Vader strompelt heen en weer bij de kassen, hij is bezig een paar ruiten te zetten, zijn vingers kleven van stopverf. Er zijn voor een man op zijn leeftijd die bovendien 't vorige jaar zijn been brak, nog werkjes genoeg op de kweekerij, al is hij er nu volkomen mee verzoend, dat zijn zoon het stuur ovemeemt. Als 't voorjaar wordt, betrekt hij met moeder 't nieuwe huisje, dat achter de kweekerij gebouwd zal worden; dan ruimen ze voorgoed het veld voor Dirk en zijn bruid.
| |
| |
‘Wat zegt u er van, vader? Hilde heeft wel vijf pond prachtige bramen geplukt aan den overkant van de beek!’

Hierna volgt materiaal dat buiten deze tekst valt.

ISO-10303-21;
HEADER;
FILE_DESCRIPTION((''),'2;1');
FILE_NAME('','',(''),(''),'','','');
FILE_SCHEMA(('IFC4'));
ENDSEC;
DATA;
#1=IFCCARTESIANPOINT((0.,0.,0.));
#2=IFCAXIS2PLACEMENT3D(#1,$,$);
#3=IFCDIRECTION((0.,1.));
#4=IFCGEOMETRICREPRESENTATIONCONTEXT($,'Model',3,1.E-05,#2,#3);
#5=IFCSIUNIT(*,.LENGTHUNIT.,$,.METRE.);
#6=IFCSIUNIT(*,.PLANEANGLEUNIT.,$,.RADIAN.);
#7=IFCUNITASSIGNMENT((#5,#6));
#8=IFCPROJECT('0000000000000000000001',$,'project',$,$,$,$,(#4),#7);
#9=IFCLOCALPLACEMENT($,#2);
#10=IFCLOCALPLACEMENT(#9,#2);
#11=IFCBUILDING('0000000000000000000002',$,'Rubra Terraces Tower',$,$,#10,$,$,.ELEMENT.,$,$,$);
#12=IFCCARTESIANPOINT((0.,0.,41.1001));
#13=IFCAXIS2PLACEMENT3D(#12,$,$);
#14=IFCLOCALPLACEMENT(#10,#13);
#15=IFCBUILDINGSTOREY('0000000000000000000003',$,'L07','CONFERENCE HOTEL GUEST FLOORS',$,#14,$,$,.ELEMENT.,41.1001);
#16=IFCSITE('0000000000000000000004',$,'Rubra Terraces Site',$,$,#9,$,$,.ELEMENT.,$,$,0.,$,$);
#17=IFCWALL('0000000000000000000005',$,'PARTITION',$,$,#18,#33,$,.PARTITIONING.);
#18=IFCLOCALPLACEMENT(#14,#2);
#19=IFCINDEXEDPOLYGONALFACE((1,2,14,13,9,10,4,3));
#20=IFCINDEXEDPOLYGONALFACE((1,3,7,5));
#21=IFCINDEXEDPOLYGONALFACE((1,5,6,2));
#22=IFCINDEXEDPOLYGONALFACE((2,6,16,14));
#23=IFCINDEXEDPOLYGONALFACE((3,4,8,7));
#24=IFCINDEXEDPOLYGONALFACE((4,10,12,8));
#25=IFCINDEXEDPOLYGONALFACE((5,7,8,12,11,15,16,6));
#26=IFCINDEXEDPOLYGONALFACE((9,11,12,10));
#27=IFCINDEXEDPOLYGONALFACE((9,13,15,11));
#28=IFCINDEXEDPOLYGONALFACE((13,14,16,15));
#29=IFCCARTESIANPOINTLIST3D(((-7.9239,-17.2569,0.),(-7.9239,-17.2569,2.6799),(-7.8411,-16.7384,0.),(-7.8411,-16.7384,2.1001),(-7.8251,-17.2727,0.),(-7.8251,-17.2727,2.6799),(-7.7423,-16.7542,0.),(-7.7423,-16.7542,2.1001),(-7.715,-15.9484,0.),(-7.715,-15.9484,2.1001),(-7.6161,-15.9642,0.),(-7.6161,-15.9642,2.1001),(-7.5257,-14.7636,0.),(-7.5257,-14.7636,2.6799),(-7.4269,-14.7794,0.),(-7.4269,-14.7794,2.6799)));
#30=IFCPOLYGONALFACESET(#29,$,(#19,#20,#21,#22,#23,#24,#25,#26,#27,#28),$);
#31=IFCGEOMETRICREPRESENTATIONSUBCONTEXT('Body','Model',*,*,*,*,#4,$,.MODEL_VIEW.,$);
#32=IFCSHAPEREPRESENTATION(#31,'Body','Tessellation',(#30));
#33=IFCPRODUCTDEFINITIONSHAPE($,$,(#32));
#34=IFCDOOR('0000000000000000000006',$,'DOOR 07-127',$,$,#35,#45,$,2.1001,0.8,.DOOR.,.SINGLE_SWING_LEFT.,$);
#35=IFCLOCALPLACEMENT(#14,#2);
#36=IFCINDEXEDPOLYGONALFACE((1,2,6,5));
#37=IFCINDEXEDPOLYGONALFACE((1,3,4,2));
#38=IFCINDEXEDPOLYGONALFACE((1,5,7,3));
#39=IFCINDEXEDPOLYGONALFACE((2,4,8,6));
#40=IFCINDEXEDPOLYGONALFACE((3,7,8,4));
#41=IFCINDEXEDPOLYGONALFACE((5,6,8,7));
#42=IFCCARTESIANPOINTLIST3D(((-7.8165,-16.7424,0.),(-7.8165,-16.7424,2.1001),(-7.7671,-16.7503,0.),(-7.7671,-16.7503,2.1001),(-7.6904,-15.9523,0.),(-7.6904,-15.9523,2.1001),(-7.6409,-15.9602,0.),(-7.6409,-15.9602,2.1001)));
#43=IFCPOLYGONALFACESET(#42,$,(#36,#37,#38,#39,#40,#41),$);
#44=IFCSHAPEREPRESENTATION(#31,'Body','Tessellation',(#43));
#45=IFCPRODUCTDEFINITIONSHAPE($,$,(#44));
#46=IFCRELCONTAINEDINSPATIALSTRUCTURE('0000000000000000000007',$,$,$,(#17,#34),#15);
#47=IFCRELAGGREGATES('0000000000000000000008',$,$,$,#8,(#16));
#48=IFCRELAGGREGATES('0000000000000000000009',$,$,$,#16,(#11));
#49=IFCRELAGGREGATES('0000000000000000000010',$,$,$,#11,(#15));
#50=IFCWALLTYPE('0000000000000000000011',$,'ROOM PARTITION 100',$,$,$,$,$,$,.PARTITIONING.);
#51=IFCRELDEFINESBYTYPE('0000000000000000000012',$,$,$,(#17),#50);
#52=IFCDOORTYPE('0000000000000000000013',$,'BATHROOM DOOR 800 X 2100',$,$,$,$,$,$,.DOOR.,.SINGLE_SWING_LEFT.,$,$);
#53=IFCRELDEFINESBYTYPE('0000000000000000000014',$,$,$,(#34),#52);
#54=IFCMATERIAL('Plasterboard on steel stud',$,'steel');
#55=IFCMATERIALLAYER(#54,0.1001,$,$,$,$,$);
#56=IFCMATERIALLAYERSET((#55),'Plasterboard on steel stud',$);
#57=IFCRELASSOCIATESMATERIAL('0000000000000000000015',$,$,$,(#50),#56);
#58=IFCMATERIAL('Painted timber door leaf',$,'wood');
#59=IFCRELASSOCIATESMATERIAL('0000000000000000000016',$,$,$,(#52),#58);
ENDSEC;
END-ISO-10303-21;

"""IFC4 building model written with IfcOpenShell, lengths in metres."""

from ifc_helpers import new_model, si_unit, direction, frame, frame_2d, origin, place, context, subcontext, project, spatial, rectangle, extrude, material, layer, layer_set, type_object, element, fill, save


model = new_model("IFC4")

# Units and contexts
model_context = context("Model", 3, precision=1e-05, world=origin(), true_north=direction((0.0, 1.0)))
body_context = subcontext(model_context, "Body", "Model", "MODEL_VIEW")
ifc_project = project(units=[si_unit("LENGTHUNIT", "METRE"), si_unit("PLANEANGLEUNIT", "RADIAN")], contexts=[model_context])

# Site, building, storey
site_placement = place(None, origin())
site = spatial("IfcSite", under=ifc_project, at=site_placement, Name="Rubra Terraces Site", CompositionType="ELEMENT", RefElevation=0.0)
building_placement = place(site_placement, origin())
building = spatial("IfcBuilding", under=site, at=building_placement, Name="Rubra Terraces Tower", CompositionType="ELEMENT")
storey_placement = place(building_placement, frame((0.0, 0.0, 41.1001)))
storey = spatial("IfcBuildingStorey", under=building, at=storey_placement, Name="L07", Description="CONFERENCE HOTEL GUEST FLOORS", CompositionType="ELEMENT", Elevation=41.1001)

# Shared definitions
ifc_material_1 = material(Name="Painted timber door leaf", Category="wood")

# Shared definitions
ifc_material_2 = material(Name="Plasterboard on steel stud", Category="steel")
ifc_layer_1 = layer(ifc_material_2, 0.1001)
ifc_layer_set_1 = layer_set([ifc_layer_1], Name="Plasterboard on steel stud")
wall_type_1 = type_object("IfcWallType", Name="ROOM PARTITION 100", PredefinedType="PARTITIONING", material=ifc_layer_set_1)
door_type_1 = type_object("IfcDoorType", Name="BATHROOM DOOR 800 X 2100", OperationType="SINGLE_SWING_LEFT", PredefinedType="DOOR", material=ifc_material_1)

# Wall, opening, door
wall_1_placement = place(storey_placement, frame((-7.4763, -14.7715, 0.0), z_axis=(0.0, 0.0, 1.0), x_axis=(-0.1577, -0.987487, 0.0)))
wall_1 = element("IfcWall", 1, at=wall_1_placement, inside=storey, type_object=wall_type_1, Name="PARTITION", PredefinedType="PARTITIONING", context=body_context, shape_type="SweptSolid", body=[
    extrude(rectangle(XDim=2.5249, YDim=0.1001, at=frame_2d((1.2625, 0.0))), origin(), (0.0, 0.0, 1.0), 2.6799),
])
opening_1_placement = place(wall_1_placement, frame((1.2, 0.0, 0.0)))
opening_1 = element("IfcOpeningElement", 2, at=opening_1_placement, cuts=wall_1, PredefinedType="OPENING", context=body_context, shape_type="SweptSolid", body=[
    extrude(rectangle(XDim=0.8, YDim=2.1001, at=frame_2d((0.3999, 1.05))), frame((0.0, 0.0601, 0.0), z_axis=(0.0, -1.0, 0.0), x_axis=(1.0, 0.0, 0.0)), (0.0, 0.0, 1.0), 0.1201),
])
door_1_placement = place(opening_1_placement, origin())
door_1 = element("IfcDoor", 3, at=door_1_placement, inside=storey, type_object=door_type_1, Name="DOOR 07-127", OperationType="SINGLE_SWING_LEFT", OverallHeight=2.1001, OverallWidth=0.8, PredefinedType="DOOR", context=body_context, shape_type="SweptSolid", body=[
    extrude(rectangle(XDim=0.8, YDim=2.1001, at=frame_2d((0.3999, 1.05))), frame((0.0, 0.0249, 0.0), z_axis=(0.0, -1.0, 0.0), x_axis=(1.0, 0.0, 0.0)), (0.0, 0.0, 1.0), 0.05),
])
fill(opening_1, door_1)

save(model, "model.ifc")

De oude man strijkt haar met den rug van zijn hand over den arm. ‘Dat is braaf, kind’; dan keert hij zich weer tot zijn werk.

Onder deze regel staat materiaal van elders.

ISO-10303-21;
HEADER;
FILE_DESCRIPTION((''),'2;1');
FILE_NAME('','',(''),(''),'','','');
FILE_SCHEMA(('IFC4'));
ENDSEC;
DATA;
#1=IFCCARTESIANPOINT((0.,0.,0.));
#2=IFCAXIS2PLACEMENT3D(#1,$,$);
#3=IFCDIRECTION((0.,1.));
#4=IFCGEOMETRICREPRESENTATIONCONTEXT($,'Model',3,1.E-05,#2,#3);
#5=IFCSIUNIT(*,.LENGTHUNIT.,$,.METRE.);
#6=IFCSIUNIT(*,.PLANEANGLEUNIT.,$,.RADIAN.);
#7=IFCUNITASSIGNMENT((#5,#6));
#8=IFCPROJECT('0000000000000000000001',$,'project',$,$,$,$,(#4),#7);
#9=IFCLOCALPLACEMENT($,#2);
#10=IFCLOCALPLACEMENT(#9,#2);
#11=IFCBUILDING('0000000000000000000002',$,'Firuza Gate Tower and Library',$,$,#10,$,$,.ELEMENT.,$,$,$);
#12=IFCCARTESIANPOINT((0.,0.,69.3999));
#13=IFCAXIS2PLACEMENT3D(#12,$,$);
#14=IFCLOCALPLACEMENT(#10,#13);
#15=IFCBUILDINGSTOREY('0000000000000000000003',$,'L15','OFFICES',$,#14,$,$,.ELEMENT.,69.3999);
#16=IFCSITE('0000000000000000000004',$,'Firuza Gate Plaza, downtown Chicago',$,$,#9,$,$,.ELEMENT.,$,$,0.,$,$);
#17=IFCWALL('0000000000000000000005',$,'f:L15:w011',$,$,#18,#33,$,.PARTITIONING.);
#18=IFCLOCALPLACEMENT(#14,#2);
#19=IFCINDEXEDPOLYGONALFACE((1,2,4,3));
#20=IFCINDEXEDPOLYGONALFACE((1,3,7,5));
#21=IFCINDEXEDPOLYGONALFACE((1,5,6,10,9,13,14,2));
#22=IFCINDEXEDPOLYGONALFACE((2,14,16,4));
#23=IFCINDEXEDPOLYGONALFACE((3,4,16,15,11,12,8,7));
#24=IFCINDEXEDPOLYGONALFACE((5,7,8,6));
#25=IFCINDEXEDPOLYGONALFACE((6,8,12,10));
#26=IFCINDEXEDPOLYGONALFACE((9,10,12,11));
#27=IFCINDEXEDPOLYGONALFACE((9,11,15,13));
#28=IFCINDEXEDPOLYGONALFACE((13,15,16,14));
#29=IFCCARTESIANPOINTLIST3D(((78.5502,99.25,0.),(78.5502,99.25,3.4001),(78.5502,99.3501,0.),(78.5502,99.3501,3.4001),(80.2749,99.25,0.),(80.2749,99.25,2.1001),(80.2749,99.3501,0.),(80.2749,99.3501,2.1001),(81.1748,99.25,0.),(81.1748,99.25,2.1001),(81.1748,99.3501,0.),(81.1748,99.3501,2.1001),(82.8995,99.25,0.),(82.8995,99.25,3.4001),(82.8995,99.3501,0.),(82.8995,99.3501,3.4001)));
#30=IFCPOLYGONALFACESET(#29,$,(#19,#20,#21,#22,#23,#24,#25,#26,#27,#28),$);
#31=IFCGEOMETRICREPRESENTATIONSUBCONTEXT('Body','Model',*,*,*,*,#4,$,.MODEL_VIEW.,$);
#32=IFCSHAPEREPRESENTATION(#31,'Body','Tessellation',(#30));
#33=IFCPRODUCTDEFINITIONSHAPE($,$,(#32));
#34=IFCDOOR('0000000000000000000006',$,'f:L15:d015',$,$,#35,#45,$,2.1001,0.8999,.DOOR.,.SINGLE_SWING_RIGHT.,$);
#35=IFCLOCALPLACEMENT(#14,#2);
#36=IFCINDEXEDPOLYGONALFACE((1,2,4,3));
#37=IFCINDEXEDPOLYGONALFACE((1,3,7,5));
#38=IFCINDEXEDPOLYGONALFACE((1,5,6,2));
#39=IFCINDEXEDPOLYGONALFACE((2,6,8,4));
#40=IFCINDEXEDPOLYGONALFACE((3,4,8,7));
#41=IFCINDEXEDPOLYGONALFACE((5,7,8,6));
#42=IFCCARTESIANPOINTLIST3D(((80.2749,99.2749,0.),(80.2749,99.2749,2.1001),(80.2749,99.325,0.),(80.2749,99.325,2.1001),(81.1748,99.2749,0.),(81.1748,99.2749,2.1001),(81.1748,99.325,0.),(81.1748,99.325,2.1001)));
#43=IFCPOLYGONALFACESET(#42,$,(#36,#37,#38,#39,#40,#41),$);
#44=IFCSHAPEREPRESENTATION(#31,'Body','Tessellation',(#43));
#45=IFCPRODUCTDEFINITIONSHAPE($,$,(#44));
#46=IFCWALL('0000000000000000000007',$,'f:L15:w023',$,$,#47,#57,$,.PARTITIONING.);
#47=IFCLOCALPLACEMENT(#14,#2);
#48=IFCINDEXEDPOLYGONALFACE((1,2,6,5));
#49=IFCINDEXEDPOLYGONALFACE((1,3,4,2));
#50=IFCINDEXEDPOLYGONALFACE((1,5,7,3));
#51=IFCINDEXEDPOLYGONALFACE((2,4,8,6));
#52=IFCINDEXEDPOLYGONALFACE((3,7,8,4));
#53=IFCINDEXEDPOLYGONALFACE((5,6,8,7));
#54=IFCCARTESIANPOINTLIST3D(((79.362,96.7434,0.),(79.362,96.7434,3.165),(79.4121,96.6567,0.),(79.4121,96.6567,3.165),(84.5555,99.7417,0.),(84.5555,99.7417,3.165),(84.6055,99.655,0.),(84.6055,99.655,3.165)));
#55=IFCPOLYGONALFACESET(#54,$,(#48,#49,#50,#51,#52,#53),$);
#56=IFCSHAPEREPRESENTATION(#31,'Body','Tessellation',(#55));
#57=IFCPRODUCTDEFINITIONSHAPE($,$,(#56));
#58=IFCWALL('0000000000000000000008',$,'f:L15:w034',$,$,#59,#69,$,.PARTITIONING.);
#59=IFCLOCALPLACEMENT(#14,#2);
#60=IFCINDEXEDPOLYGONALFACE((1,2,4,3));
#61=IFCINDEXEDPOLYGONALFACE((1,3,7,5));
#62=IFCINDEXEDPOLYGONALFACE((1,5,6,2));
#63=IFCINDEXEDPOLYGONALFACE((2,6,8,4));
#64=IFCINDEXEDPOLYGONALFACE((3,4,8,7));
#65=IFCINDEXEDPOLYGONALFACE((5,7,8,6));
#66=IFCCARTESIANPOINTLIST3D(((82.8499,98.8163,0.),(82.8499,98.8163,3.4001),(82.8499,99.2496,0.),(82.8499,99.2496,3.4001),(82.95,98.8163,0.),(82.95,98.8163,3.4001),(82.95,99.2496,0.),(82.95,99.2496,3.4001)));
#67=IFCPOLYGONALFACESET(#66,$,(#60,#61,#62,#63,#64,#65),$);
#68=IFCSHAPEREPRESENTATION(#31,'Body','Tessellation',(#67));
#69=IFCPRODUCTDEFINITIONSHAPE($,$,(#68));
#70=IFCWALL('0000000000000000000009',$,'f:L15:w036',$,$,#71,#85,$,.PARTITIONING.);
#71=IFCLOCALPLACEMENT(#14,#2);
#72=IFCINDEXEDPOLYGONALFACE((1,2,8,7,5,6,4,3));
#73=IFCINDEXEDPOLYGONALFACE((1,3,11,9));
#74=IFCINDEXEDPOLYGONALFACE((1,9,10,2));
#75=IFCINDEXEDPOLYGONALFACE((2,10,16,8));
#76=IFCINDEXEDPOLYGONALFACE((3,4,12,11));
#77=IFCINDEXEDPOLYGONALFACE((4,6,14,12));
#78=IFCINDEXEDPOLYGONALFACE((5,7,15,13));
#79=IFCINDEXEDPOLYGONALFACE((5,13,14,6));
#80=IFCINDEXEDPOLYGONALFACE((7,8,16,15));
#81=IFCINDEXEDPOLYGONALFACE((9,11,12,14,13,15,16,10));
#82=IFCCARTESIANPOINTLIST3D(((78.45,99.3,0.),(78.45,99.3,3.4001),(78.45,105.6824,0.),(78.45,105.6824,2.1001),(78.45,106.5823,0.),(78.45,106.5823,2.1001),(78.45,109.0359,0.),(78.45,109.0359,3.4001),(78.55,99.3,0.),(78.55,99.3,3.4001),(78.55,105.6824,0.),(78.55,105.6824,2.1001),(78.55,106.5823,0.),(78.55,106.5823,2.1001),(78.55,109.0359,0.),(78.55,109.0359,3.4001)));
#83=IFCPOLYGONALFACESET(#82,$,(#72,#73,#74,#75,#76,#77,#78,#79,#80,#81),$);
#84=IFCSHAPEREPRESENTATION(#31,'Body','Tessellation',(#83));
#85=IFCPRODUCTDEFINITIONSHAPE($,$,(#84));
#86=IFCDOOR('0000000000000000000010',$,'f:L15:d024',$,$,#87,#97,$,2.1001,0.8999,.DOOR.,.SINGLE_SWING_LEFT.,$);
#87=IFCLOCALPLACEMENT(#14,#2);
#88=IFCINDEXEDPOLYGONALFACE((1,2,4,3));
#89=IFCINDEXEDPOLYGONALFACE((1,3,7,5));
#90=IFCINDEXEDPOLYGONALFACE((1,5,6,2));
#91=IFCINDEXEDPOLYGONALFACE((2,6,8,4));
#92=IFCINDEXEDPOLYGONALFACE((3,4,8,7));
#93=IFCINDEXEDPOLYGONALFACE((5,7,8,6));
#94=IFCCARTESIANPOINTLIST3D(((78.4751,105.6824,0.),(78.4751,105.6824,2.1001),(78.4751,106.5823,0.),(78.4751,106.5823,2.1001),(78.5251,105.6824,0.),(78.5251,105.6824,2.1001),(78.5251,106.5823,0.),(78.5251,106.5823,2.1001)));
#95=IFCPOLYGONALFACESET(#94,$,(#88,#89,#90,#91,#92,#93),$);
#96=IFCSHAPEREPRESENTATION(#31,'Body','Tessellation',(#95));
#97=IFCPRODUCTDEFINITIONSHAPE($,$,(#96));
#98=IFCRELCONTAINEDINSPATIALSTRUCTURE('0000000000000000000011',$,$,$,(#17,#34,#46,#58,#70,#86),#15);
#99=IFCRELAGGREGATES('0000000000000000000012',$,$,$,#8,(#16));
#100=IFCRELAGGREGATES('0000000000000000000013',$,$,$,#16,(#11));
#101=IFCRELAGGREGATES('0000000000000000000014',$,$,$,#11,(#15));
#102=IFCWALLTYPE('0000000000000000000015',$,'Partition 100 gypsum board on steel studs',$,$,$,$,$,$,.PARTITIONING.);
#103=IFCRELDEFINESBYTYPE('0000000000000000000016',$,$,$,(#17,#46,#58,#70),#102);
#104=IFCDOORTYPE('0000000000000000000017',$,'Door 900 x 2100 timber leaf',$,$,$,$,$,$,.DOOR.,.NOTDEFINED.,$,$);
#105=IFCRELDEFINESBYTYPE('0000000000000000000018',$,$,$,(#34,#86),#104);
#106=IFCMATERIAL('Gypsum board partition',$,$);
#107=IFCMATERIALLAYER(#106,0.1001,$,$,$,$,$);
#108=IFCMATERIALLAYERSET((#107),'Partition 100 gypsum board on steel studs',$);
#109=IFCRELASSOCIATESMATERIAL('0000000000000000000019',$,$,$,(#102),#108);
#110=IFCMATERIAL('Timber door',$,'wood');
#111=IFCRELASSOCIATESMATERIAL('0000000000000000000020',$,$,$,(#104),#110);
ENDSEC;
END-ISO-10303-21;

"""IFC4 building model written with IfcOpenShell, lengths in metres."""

from ifc_helpers import new_model, si_unit, direction, frame, frame_2d, origin, place, context, subcontext, project, spatial, rectangle, extrude, material, layer, layer_set, type_object, element, fill, save


model = new_model("IFC4")

# Units and contexts
model_context = context("Model", 3, precision=1e-05, world=origin(), true_north=direction((0.0, 1.0)))
body_context = subcontext(model_context, "Body", "Model", "MODEL_VIEW")
ifc_project = project(units=[si_unit("LENGTHUNIT", "METRE"), si_unit("PLANEANGLEUNIT", "RADIAN")], contexts=[model_context])

# Site, building, storey
site_placement = place(None, origin())
site = spatial("IfcSite", under=ifc_project, at=site_placement, Name="Firuza Gate Plaza, downtown Chicago", CompositionType="ELEMENT", RefElevation=0.0)
building_placement = place(site_placement, origin())
building = spatial("IfcBuilding", under=site, at=building_placement, Name="Firuza Gate Tower and Library", CompositionType="ELEMENT")
storey_placement = place(building_placement, frame((0.0, 0.0, 69.3999)))
storey = spatial("IfcBuildingStorey", under=building, at=storey_placement, Name="L15", Description="OFFICES", CompositionType="ELEMENT", Elevation=69.3999)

‘Zoo zijn de oudjes,’ verontschuldigt Dirk.
‘Zoo wordt jij natuurlijk ook,’ plaagt ze, ‘jij trouwt met de kweekerij en ik word het nuttige en noodzakelijke aanhangsel.’
‘Durf je dan nog wel, als je 't zoo precies weet?’
Ze loopt lachend heen.
Als de beekhelling rood is van anemonen en de dotters zich in 't water spiegelen, als de gagel geurt en de sleedoorn zijn stekelig naakt onder een witte bloemensluier verbergt, dan trekken vader en moeder naar het nieuwe huis; de oude meubels verhuizen mee, de jonge menschen nestelen zich op de kweekerij en maken het oude huis jong van nieuwe kleuren paars en groen en zonnig goudgeel. Alles wat ze er binnen brengen, verliest onmiddellijk zijn opdringerige winkelnieuwheid, want Hilde heeft weten te kiezen, wat bij haar en hem behoort, en de muren van het oude huis trekken er hun wacht om heen en leggen er de kostbare schemering over van oud-gebeuren. Voor elk nieuw ding is er een welkome plaats; zelfs vader en moeder voelen zich niet vreemd als ze op bezoek komen.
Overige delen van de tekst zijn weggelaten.